I’m not willing to untangle Dr. Stanley’s anti-gay positions from the Hard Right knot that they’re part of. That’s not how he sees them – to him, opposing homosexuality is part of an overall Biblical worldview. And it’s not how we should see them either.

Moreover, progressive politics today is about intersectionality and solidarity – not single-issue fixations. What’s problematic about Dr. Stanley is a lot deeper than anti-gay sentiments, and if I lose that deeper context, I forfeit the possibility of solidarity with others who his community marginalizes.

Can you imagine the response of an Israeli Arab, for example, if Dr. Stanley’s award were to be pulled because of his views on homosexuality? Never mind all that anti-democratic, anti-civil-rights stuff – that doesn’t matter. But anti-gay, whoa, that’s a different story.

I’m not even comfortable with words like “homophobia” and “bigot” being thrown around in this debate. That’s too easy. It suggests that this one man is a hateful person, but otherwise, there would be nothing wrong with honoring people like him. That gives everyone else a pass – especially everyone who thinks it’s a good idea to make a deal with the Christian Zionist fringe.

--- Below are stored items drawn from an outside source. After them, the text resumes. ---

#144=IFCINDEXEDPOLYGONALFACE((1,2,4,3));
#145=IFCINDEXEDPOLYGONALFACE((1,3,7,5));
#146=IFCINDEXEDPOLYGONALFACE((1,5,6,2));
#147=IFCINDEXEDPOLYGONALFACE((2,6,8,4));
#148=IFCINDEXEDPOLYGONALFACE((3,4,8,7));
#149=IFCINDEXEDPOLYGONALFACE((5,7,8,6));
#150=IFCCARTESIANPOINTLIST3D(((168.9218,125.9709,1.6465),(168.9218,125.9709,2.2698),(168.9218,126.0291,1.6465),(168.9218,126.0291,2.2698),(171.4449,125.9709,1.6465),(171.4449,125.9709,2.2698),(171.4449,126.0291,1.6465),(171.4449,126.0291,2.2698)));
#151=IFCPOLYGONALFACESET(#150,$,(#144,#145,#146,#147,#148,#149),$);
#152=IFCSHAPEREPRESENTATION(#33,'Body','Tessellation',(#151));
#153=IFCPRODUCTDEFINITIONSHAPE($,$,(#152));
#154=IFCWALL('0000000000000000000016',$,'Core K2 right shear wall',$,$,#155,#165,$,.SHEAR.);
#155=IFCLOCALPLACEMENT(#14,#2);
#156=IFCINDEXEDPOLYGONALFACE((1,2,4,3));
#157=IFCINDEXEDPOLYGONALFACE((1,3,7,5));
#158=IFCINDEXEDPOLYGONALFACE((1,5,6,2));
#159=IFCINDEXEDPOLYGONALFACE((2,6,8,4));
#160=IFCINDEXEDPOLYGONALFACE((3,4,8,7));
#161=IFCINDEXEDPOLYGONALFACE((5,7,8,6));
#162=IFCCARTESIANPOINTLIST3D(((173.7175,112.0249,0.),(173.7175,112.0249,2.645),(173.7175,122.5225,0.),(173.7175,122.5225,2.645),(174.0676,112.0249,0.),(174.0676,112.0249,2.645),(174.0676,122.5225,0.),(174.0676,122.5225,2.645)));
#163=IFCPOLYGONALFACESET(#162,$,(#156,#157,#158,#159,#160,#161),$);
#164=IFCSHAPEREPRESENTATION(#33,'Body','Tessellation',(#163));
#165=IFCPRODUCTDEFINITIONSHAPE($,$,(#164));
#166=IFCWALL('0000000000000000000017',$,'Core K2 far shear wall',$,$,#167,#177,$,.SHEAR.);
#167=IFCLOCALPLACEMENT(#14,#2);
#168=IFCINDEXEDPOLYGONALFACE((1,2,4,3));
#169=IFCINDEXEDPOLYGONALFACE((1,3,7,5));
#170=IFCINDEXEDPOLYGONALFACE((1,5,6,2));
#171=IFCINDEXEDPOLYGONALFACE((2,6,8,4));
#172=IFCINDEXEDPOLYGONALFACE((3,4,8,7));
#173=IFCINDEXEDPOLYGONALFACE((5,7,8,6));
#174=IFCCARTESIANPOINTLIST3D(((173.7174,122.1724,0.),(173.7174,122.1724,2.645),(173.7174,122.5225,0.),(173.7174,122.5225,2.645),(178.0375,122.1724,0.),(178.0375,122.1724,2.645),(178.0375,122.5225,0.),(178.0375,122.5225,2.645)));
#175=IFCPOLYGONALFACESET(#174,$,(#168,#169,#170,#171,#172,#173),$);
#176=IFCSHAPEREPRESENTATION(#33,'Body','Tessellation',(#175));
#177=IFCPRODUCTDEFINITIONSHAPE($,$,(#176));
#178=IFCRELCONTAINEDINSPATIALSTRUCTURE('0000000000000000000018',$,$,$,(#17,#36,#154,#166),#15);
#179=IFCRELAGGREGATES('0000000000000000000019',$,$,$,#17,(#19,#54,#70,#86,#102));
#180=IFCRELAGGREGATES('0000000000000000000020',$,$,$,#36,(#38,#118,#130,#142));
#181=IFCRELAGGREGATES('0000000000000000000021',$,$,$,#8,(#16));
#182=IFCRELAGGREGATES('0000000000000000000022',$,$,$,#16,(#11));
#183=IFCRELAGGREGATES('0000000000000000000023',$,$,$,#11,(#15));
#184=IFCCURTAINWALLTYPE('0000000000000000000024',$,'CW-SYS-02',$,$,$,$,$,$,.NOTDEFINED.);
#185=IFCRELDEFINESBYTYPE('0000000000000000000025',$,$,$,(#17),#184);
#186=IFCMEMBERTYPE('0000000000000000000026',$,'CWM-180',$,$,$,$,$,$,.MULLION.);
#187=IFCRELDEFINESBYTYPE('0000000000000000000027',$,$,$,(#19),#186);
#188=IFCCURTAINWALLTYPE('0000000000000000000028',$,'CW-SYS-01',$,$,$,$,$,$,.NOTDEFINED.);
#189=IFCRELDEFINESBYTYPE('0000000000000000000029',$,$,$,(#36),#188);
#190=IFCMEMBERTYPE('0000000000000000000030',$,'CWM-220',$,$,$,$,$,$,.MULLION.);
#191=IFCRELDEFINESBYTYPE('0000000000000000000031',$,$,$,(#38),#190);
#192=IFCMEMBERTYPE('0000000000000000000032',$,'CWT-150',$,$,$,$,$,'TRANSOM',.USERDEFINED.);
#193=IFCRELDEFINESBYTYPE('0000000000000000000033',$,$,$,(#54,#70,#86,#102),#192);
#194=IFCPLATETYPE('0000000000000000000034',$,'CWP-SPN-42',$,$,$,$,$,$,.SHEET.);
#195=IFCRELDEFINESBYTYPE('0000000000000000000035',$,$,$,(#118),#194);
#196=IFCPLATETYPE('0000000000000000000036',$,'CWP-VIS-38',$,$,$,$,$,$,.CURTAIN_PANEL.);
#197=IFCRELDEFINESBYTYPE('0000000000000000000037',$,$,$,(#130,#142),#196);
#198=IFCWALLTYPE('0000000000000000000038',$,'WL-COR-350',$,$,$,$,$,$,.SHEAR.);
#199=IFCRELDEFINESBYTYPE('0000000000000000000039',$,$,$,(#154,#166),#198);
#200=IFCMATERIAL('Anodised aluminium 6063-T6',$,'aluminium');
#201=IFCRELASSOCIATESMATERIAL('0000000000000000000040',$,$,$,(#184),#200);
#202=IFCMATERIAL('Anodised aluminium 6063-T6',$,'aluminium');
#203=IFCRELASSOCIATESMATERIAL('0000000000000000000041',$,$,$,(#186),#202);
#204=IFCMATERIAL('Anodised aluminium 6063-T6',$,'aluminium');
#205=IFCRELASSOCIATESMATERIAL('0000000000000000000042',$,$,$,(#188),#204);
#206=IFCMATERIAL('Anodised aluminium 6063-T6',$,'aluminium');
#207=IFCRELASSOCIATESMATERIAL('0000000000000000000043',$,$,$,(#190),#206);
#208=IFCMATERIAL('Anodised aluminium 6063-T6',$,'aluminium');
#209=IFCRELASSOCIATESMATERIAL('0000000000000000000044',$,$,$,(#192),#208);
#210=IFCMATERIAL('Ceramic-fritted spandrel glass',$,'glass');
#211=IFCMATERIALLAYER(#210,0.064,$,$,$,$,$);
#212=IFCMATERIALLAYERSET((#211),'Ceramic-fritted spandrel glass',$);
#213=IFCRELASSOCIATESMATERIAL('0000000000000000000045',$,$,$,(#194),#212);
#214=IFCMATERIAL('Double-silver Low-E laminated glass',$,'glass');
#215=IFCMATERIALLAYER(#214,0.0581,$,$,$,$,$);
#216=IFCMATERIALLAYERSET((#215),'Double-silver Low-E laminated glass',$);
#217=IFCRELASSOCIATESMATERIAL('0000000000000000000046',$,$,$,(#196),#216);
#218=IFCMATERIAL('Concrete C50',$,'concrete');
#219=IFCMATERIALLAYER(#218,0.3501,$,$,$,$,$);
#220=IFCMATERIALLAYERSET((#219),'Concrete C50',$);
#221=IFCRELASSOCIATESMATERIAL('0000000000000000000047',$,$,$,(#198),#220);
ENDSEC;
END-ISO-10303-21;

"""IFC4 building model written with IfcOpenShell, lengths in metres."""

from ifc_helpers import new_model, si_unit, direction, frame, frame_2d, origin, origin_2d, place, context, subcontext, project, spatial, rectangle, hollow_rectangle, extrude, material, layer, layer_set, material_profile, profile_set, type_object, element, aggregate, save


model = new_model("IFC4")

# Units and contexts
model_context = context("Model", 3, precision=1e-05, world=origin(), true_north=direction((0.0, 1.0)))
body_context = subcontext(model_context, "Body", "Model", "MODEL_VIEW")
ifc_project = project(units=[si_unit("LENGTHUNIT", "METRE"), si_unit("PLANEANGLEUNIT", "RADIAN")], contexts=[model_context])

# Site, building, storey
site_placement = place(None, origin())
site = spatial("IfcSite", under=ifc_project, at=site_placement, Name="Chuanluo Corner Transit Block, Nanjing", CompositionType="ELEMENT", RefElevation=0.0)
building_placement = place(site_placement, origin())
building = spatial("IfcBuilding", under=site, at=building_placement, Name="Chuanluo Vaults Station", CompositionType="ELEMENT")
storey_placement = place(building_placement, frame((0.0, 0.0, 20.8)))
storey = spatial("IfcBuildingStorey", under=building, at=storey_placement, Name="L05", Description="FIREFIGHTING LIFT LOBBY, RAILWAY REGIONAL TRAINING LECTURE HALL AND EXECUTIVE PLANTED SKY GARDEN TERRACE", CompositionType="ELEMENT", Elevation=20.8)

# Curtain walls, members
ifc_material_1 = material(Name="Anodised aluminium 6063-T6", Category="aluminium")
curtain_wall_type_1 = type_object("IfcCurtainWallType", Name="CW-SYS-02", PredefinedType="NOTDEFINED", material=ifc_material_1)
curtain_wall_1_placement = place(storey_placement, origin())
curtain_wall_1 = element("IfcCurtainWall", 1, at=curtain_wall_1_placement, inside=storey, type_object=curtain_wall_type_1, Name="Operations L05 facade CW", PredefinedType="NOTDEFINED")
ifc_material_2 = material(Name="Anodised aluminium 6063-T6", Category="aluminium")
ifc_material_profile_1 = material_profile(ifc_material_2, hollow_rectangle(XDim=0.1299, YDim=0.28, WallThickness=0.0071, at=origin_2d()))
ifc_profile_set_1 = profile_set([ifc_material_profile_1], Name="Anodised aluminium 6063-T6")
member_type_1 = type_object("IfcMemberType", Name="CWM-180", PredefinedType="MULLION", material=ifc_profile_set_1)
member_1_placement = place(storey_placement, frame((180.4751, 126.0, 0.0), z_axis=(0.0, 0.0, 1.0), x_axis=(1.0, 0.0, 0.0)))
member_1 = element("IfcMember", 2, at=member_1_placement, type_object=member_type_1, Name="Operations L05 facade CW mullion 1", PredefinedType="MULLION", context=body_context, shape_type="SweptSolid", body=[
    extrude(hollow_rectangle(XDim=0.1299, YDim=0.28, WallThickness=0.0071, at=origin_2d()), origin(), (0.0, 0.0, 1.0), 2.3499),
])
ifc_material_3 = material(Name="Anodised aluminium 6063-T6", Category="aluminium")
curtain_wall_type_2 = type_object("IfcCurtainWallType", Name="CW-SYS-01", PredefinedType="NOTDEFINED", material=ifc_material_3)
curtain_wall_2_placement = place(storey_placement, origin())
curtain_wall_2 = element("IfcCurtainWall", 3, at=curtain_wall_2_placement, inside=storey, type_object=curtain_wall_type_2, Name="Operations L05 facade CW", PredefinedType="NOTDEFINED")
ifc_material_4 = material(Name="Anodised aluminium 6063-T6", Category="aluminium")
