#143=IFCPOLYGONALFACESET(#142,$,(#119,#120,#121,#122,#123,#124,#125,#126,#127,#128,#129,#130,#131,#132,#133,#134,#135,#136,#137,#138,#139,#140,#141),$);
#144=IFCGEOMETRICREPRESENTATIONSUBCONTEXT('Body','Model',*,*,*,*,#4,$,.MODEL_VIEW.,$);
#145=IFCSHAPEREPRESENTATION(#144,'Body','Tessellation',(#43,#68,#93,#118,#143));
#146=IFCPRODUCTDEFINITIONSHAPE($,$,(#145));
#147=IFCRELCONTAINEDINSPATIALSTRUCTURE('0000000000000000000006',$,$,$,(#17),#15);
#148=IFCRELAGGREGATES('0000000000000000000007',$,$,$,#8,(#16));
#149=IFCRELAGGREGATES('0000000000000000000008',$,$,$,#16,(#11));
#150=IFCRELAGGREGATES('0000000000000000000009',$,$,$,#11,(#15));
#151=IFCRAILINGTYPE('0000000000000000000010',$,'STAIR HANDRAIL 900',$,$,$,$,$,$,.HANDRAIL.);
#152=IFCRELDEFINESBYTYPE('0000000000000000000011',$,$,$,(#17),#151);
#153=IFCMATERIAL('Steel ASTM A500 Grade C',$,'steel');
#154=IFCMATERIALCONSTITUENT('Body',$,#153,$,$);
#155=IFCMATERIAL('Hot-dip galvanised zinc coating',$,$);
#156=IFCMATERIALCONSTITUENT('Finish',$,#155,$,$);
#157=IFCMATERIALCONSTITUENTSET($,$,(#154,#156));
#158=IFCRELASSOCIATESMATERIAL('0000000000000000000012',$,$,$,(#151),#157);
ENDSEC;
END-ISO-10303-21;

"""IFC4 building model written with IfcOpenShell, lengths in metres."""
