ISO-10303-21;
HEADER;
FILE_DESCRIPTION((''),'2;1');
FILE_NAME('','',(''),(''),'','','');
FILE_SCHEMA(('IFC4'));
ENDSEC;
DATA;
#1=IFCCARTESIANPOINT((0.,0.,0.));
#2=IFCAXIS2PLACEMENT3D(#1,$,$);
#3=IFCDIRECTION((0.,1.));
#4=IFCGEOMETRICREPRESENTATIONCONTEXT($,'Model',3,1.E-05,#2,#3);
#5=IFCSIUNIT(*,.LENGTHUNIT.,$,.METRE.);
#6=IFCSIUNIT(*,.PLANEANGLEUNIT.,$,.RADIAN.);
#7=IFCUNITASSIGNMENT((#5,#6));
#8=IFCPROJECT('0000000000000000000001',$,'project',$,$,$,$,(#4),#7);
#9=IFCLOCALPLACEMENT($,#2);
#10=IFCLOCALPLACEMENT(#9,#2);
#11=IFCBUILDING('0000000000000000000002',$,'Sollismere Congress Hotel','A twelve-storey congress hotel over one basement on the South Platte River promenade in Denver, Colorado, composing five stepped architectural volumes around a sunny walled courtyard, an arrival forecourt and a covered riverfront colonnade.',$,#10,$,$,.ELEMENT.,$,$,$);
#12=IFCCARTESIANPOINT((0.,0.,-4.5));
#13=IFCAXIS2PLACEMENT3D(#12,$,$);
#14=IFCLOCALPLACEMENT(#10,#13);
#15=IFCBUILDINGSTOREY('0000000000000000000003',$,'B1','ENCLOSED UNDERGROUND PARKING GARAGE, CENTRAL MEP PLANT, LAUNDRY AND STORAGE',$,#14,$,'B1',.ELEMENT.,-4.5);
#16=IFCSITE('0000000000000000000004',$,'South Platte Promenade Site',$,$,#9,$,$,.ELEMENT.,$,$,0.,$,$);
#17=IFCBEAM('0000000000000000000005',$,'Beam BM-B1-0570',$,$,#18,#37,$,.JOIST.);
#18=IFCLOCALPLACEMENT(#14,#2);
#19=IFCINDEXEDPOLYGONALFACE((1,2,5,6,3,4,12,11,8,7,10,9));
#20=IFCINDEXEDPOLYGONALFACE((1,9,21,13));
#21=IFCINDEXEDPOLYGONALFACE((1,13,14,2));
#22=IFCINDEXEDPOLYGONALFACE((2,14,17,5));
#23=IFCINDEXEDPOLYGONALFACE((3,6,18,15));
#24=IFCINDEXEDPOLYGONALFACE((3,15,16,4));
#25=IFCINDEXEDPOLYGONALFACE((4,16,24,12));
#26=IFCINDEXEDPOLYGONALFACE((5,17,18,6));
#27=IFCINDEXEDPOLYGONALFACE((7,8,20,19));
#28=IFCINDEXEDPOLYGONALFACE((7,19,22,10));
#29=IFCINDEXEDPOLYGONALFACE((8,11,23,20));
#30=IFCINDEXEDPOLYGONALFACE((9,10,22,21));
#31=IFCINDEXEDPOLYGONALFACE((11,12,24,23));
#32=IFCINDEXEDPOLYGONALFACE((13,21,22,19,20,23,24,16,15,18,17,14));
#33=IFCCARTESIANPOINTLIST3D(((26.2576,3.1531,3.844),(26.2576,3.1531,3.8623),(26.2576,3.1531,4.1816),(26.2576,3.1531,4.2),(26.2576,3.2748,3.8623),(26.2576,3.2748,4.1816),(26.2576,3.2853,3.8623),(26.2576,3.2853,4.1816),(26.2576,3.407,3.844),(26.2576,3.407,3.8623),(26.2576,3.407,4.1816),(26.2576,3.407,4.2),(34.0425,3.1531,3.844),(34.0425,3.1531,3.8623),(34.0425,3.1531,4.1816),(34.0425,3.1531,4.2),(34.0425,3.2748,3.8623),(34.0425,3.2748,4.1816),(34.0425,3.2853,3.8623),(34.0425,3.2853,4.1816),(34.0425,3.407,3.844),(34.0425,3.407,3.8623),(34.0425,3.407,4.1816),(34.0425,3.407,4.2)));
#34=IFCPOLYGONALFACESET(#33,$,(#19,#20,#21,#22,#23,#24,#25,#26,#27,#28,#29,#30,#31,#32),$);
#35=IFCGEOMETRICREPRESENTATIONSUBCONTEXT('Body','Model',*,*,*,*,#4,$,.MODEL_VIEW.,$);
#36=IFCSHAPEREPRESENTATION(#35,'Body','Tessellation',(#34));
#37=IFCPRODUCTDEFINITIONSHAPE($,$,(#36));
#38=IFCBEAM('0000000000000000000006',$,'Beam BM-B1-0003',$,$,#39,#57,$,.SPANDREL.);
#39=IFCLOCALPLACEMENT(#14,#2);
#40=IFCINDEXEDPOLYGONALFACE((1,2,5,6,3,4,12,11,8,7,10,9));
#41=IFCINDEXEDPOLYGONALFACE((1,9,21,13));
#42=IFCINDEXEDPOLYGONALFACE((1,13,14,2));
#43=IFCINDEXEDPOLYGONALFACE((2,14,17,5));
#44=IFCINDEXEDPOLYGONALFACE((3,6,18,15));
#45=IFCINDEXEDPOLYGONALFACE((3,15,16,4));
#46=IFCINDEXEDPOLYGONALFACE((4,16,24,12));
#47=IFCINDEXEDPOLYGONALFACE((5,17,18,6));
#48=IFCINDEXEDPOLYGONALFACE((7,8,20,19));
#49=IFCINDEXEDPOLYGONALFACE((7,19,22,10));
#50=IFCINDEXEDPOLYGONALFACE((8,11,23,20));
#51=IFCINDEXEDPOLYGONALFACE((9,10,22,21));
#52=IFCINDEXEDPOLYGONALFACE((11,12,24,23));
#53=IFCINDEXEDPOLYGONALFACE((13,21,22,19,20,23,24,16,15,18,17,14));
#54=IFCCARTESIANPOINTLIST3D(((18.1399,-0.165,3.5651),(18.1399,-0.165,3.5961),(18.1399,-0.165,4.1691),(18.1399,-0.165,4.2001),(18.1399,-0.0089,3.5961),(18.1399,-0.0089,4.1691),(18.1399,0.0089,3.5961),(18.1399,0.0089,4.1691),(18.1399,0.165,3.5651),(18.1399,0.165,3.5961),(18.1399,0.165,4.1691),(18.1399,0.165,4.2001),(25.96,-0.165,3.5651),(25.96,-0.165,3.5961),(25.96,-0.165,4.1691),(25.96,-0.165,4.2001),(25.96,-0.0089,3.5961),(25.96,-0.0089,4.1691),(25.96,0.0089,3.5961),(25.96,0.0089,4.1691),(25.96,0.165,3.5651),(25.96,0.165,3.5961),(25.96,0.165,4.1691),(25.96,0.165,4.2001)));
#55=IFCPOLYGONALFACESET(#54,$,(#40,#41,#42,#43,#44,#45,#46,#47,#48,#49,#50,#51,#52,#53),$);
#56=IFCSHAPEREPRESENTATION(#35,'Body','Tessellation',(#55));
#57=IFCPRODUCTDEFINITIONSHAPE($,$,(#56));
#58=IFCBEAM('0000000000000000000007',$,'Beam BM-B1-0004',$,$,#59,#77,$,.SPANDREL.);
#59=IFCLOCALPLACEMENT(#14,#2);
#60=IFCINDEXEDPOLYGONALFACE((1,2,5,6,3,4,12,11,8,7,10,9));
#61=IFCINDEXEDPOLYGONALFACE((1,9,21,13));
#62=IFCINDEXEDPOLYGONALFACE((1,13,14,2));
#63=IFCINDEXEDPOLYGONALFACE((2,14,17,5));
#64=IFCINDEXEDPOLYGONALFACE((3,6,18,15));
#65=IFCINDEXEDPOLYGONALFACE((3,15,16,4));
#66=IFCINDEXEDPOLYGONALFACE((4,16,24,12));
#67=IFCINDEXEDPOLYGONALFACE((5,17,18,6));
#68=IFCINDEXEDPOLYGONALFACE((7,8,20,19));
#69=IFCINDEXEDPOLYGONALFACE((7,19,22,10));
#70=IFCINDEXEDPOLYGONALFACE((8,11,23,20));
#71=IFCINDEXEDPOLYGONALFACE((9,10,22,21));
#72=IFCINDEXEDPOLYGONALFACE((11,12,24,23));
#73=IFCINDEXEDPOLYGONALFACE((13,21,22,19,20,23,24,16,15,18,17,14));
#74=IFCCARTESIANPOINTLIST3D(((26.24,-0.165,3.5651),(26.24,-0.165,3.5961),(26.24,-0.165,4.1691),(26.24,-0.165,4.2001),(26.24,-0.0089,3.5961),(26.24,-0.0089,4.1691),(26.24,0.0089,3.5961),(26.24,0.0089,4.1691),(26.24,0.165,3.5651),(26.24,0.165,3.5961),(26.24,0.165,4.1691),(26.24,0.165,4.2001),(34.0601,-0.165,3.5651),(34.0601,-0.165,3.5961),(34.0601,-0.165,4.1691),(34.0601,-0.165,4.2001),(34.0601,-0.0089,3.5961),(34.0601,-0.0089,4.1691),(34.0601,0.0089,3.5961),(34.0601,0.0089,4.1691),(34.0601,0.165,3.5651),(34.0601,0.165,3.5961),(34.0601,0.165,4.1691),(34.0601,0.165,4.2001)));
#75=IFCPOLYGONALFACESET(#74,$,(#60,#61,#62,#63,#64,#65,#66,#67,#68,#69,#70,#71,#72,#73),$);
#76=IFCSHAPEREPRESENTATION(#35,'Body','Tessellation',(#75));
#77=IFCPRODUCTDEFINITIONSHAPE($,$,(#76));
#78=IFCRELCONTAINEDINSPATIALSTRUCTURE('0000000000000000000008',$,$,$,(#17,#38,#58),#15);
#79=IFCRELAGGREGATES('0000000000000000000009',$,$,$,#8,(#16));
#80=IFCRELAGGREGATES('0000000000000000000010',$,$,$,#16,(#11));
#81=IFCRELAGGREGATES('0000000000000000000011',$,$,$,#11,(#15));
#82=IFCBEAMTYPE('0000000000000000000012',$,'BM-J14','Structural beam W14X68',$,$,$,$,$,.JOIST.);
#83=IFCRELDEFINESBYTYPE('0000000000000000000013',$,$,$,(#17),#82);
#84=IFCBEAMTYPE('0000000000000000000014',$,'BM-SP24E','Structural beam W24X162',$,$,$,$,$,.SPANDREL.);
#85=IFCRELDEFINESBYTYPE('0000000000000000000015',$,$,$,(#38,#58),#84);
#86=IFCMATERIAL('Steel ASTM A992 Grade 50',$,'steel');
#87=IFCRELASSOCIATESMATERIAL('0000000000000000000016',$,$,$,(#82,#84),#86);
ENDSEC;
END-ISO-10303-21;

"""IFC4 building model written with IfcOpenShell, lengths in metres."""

from ifc_helpers import new_model, si_unit, direction, frame, origin, origin_2d, place, context, subcontext, project, spatial, i_section, extrude, material, material_profile, profile_set, type_object, element, save


model = new_model("IFC4")

# Units and contexts
model_context = context("Model", 3, precision=1e-05, world=origin(), true_north=direction((0.0, 1.0)))
body_context = subcontext(model_context, "Body", "Model", "MODEL_VIEW")
ifc_project = project(units=[si_unit("LENGTHUNIT", "METRE"), si_unit("PLANEANGLEUNIT", "RADIAN")], contexts=[model_context])

# Site, building, storey
site_placement = place(None, origin())
site = spatial("IfcSite", under=ifc_project, at=site_placement, Name="South Platte Promenade Site", CompositionType="ELEMENT", RefElevation=0.0)
building_placement = place(site_placement, origin())
building = spatial("IfcBuilding", under=site, at=building_placement, Name="Sollismere Congress Hotel", Description="A twelve-storey congress hotel over one basement on the South Platte River promenade in Denver, Colorado, composing five stepped architectural volumes around a sunny walled courtyard, an arrival forecourt and a covered riverfront colonnade.", CompositionType="ELEMENT")
storey_placement = place(building_placement, frame((0.0, 0.0, -4.5)))
storey = spatial("IfcBuildingStorey", under=building, at=storey_placement, Name="B1", Description="ENCLOSED UNDERGROUND PARKING GARAGE, CENTRAL MEP PLANT, LAUNDRY AND STORAGE", LongName="B1", CompositionType="ELEMENT", Elevation=-4.5)

# Beams
ifc_material_1 = material(Name="Steel ASTM A992 Grade 50", Category="steel")
ifc_material_profile_1 = material_profile(ifc_material_1, i_section(OverallWidth=0.2539, OverallDepth=0.356, WebThickness=0.0105, FlangeThickness=0.0183, at=origin_2d()), Name="W14X68")
ifc_profile_set_1 = profile_set([ifc_material_profile_1], Name="Steel ASTM A992 Grade 50")
beam_type_1 = type_object("IfcBeamType", Name="BM-J14", Description="Structural beam W14X68", PredefinedType="JOIST", material=ifc_profile_set_1)
for number, where, z_axis, x_axis, name in (
    (1, (26.2576, 3.28, 4.022), (1.0, 0.0, 0.0), (0.0, 1.0, 0.0), "Beam BM-B1-0570"),
):
    element("IfcBeam", number, at=place(storey_placement, frame(where, z_axis=z_axis, x_axis=x_axis)), inside=storey, type_object=beam_type_1, Name=name, PredefinedType="JOIST", context=body_context, shape_type="SweptSolid", body=[
        extrude(i_section(OverallWidth=0.2539, OverallDepth=0.356, WebThickness=0.0105, FlangeThickness=0.0183, at=origin_2d()), origin(), (0.0, 0.0, 1.0), 7.7849),
    ])
ifc_material_profile_2 = material_profile(ifc_material_1, i_section(OverallWidth=0.3301, OverallDepth=0.635, WebThickness=0.0178, FlangeThickness=0.031, at=origin_2d()), Name="W24X162")
ifc_profile_set_2 = profile_set([ifc_material_profile_2], Name="Steel ASTM A992 Grade 50")
beam_type_2 = type_object("IfcBeamType", Name="BM-SP24E", Description="Structural beam W24X162", PredefinedType="SPANDREL", material=ifc_profile_set_2)
for number, where, z_axis, x_axis, name in (
    (2, (18.1399, 0.0, 3.8826), (1.0, 0.0, 0.0), (0.0, 1.0, 0.0), "Beam BM-B1-0003"),
    (3, (26.24, 0.0, 3.8826), (1.0, 0.0, 0.0), (0.0, 1.0, 0.0), "Beam BM-B1-0004"),
):
    element("IfcBeam", number, at=place(storey_placement, frame(where, z_axis=z_axis, x_axis=x_axis)), inside=storey, type_object=beam_type_2, Name=name, PredefinedType="SPANDREL", context=body_context, shape_type="SweptSolid", body=[
        extrude(i_section(OverallWidth=0.3301, OverallDepth=0.635, WebThickness=0.0178, FlangeThickness=0.031, at=origin_2d()), origin(), (0.0, 0.0, 1.0), 7.8201),
    ])

save(model, "model.ifc")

It’s not that these people are bigoted or homophobic; it’s that their subordination of women and LGBT people is part of a deep-seated, patriarchal, fundamentalist, millennialist worldview that is sure the end of the world is nigh – and Greater Israel will help hasten its date.

Dr. Stanley is no different from millions of other hard right Christian conservatives who want a return to Christian hegemony here in the US, and a huge, holy war in the Middle East. Focusing on his anti-gay statements, odious as they are, misses the point. The point is everything he stands for, and everything JNF stands for by endorsing him.

Jay Michaelson is a contributing editor to the Forward.